# Quick red oak slab table



## gr8scott72 (Mar 9, 2010)

I am displaying my tree equipment in an upcoming home show to try to kick off the spring season. Instead of just using the little tables that they will provide I decided to make my own.

Here ya go:

Setup:






Rest of tools:





Almost thru first cut:





Gotta love the pink





I'm getting better at cutting it smoothly











6" thick slab is about 6' long and about 24" wide





The bottom cut of the slab had a neat little inclusion but none of it was actually on the slab, just on this piece


----------



## gr8scott72 (Mar 9, 2010)

Finished product:


----------



## Hddnis (Mar 10, 2010)

That looks good. Stuff like that sells a booth better than the cookie cutter stuff.



Mr. HE


----------



## stipes (Mar 11, 2010)

*Pict. # 6...*



gr8scott72 said:


> I am displaying my tree equipment in an upcoming home show to try to kick off the spring season. Instead of just using the little tables that they will provide I decided to make my own.
> 
> Here ya go:
> 
> ...



That shows the true beauty of red oak....The tiger stripe....Why I love to quarter saw red oak,,,you get alot of rays from it too......


----------



## BobL (Mar 11, 2010)

Great looking wood Scot, how's it cutting on that slope?
It looks like it could go down by itself?

I see you're using a cool looking work table too.


----------



## gr8scott72 (Mar 11, 2010)

BobL said:


> Great looking wood Scot, how's it cutting on that slope?
> It looks like it could go down by itself?
> 
> I see you're using a cool looking work table too.



Almost went down by itself. It took the very so slight pressure with my right hand to keep it going.

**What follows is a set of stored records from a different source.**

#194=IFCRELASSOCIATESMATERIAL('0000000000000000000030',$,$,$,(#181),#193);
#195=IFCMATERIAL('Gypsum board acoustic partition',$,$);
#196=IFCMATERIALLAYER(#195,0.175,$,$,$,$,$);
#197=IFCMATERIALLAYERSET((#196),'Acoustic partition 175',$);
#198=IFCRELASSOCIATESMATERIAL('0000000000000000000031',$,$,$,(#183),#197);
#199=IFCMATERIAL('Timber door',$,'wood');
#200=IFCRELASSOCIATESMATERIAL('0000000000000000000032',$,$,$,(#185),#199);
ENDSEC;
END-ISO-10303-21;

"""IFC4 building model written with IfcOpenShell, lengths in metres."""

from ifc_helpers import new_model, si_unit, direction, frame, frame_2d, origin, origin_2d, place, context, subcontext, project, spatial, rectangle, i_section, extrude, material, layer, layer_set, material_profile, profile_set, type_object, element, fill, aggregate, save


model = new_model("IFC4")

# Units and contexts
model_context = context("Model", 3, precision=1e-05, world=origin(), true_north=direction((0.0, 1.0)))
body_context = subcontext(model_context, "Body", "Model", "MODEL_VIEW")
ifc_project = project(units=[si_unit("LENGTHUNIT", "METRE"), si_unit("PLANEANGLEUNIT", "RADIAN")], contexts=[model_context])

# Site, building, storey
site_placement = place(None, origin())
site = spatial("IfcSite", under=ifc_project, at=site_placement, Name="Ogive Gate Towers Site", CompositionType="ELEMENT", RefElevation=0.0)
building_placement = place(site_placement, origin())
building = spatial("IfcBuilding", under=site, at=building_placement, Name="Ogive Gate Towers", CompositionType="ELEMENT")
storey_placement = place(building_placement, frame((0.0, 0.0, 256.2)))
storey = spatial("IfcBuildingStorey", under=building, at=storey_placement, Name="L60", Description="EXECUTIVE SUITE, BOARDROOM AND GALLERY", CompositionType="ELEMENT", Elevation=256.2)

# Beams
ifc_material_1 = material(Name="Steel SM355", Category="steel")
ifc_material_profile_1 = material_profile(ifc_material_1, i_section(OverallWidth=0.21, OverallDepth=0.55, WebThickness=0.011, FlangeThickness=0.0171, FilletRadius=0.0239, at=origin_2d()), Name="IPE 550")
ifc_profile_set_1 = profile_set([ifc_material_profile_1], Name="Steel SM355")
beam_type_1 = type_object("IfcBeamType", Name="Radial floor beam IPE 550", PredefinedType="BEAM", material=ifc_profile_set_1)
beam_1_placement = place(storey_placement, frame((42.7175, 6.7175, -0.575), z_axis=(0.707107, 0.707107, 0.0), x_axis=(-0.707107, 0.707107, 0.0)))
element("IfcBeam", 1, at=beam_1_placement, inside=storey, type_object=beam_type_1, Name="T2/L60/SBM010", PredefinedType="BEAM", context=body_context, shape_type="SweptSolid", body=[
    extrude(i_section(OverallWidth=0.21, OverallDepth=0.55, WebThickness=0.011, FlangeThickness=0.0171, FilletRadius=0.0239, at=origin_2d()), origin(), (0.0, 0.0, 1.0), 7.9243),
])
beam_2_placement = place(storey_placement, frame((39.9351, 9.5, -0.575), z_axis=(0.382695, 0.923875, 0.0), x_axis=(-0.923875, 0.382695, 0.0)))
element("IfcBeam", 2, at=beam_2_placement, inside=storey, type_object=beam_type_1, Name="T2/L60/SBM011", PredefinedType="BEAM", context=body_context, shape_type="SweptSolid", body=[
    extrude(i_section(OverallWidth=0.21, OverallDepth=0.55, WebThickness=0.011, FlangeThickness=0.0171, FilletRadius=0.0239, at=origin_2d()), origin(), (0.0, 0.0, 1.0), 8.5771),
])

The top on those saw horses is yellow pine planks. It was my first completed project with my Alaskan. I actually set out cutting a pine log that I had just to make some planks for those saw horses. They came out great. I ripped them down to 16" each with the circular saw and they are like 56" long and 5/4 thick.


----------



## s37d (Mar 11, 2010)

That's cool. Do you sell these or do you make them into furniture? Do you have any pics of finished projects that used your wood?


----------



## gr8scott72 (Mar 11, 2010)

s37d said:


> That's cool. Do you sell these or do you make them into furniture? Do you have any pics of finished projects that used your wood?



This is only the second thing I have made to completion with my mill.

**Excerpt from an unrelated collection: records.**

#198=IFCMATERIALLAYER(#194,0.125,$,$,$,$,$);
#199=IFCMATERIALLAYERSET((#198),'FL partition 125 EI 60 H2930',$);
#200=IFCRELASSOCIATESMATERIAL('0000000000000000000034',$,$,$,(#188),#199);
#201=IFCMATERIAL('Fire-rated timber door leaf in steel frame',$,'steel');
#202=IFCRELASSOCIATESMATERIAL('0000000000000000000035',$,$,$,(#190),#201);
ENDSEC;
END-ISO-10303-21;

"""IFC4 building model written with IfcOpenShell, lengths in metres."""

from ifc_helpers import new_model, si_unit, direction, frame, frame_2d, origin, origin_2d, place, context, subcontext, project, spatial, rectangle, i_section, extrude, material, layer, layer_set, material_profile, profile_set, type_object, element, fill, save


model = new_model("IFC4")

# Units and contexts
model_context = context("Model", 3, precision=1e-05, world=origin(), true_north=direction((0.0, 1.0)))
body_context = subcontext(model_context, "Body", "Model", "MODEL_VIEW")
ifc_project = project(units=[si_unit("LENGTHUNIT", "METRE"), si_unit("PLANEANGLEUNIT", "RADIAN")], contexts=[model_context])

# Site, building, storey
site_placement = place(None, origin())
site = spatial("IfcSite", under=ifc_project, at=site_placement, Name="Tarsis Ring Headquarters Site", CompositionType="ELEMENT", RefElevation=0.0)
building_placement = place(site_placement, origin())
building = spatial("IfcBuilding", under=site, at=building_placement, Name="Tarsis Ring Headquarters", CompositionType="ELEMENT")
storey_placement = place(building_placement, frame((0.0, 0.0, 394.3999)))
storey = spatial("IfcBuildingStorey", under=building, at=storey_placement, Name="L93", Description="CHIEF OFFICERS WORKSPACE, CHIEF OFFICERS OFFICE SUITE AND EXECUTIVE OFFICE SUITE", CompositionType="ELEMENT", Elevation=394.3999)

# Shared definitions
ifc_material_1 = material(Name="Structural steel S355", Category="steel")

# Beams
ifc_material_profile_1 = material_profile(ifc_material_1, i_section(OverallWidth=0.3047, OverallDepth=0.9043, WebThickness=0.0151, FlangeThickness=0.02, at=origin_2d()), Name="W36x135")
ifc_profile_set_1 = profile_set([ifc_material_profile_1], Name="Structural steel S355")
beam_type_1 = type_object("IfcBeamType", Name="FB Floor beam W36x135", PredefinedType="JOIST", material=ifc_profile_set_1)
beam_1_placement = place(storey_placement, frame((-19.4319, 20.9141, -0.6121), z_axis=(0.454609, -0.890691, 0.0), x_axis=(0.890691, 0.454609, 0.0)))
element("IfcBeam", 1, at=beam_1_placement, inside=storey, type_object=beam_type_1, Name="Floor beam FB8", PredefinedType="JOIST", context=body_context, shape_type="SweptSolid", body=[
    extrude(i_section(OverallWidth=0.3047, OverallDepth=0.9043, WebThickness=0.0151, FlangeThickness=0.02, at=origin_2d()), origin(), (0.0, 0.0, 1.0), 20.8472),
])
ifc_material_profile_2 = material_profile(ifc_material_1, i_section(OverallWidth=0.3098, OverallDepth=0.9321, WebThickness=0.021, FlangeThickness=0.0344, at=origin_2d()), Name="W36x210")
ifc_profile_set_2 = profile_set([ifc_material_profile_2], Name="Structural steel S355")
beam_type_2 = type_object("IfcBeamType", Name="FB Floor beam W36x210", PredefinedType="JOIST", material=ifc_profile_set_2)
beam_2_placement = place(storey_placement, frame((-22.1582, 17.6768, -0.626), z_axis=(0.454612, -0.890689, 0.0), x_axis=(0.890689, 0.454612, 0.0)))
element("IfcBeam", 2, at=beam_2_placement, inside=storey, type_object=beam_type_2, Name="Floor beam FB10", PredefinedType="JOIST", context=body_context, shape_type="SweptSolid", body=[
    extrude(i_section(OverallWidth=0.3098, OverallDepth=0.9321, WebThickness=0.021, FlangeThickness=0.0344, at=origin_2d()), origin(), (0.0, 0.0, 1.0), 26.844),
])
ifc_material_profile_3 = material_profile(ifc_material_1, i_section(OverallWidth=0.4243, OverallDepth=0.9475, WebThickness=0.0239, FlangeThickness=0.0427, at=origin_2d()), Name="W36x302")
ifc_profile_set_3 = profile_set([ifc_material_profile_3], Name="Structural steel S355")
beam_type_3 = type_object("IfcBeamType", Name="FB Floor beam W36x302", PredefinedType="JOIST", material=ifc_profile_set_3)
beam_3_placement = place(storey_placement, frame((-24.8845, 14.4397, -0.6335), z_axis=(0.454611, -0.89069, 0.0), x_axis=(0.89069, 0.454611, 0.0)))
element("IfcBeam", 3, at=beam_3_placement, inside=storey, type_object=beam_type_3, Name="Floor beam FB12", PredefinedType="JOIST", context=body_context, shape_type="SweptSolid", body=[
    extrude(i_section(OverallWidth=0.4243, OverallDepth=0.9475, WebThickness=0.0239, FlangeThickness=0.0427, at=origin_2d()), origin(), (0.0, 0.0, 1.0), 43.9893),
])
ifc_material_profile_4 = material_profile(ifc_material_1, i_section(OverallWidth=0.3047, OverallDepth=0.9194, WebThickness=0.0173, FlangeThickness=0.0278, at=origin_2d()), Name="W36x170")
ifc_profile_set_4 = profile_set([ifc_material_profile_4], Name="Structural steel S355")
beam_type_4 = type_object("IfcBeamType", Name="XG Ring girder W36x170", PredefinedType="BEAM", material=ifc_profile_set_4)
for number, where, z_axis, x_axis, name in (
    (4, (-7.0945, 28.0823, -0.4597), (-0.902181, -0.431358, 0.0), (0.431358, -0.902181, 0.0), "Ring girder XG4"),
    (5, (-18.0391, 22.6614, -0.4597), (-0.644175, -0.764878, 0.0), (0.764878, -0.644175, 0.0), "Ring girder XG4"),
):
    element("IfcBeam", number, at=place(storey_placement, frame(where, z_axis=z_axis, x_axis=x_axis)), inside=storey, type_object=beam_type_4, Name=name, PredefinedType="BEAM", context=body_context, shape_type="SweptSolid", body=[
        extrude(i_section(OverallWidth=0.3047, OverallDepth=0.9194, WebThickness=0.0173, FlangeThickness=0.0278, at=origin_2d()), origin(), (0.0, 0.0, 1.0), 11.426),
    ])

I started out working on some monster slabs for a friend of mine to turn them into table tops for his restaurant. I've cut about 45 for him and have about 10-15 more. They are drying right now and he will have his wood working guy make them into tables.

The full story on that can be seen here:
http://www.arboristsite.com/showthread.php?t=108078


----------



## BobL (Mar 12, 2010)

gr8scott72 said:


> Almost went down by itself. It took the very so slight pressure with my right hand to keep it going.


Did you work out a way to stop the slab sliding off the log when you finished?

I use log rails so this is what I do.







> The top on those saw horses is yellow pine planks. It was my first completed project with my Alaskan. I actually set out cutting a pine log that I had just to make some planks for those saw horses. They came out great. I ripped them down to 16" each with the circular saw and they are like 56" long and 5/4 thick.


Cool!


----------



## gr8scott72 (Mar 12, 2010)

BobL said:


> Did you work out a way to stop the slab sliding off the log when you finished?
> 
> I use log rails so this is what I do.
> 
> ...



That's very similar to what I did. I have a 1"x1" metal angle piece from one rail to the other. The 2x6 that I have attached to it, I cut into two pieces and left a gap big enough to slid a small 2x4 in there and then screw to the log. I'll get a picture of that soon.


----------



## striperswaper (Mar 12, 2010)

looks good but you might want to see how the table looks with smaller diameter legs


----------



## Can8ianTimber (Mar 12, 2010)

Wow that is some really nice looking Oak. Good Job.


----------



## WoodChuck'r (Mar 12, 2010)

Gorgeous red oak. Gorgeous!! 

:greenchainsaw:


----------



## gr8scott72 (Mar 13, 2010)

Well, the show started yesterday. I've gotten lots of compliments so far. Even some of the other vendors have said that I have a very nice display. I'll get a picture of the whole booth to show you. 

I've also got some good leads to really kick off my spring.

The home show organizers said we could donate a door prize and I've been trying to think of what I can donate. It hit me yesterday, the table!


----------



## huskyhank (Mar 13, 2010)

gr8scott72 said:


> Well, the show started yesterday.
> 
> snipped.........
> 
> The home show organizers said we could donate a door prize and I've been trying to think of what I can donate. It hit me yesterday, the table!



You might be starting a new line of business!


----------



## gr8scott72 (Mar 13, 2010)

huskyhank said:


> You might be starting a new line of business!



I actually want my career to move into that direction. I made some good contacts with a few of the other vendors, like one that does custom kitchen cabinets and such.


----------



## gr8scott72 (Mar 16, 2010)

Here's the little booth I set up:












I didn't even put that table up as a door prize until saturday afternoon and for about 5 hours Saturday and about 5 hours on Sunday I had almost 200 people register for it.

I delivered it Monday morning and the lady was VERY excited. It was really fun taking it to her.

Of course, the whole point of the show for me was to generate tree and stump jobs. I got about 50 people to give me their names and numbers that want me to come to their houses and give them quotes on tree work. I'll be busy for the next 2 months with all of this. Well worth the $750 for the booth!!


----------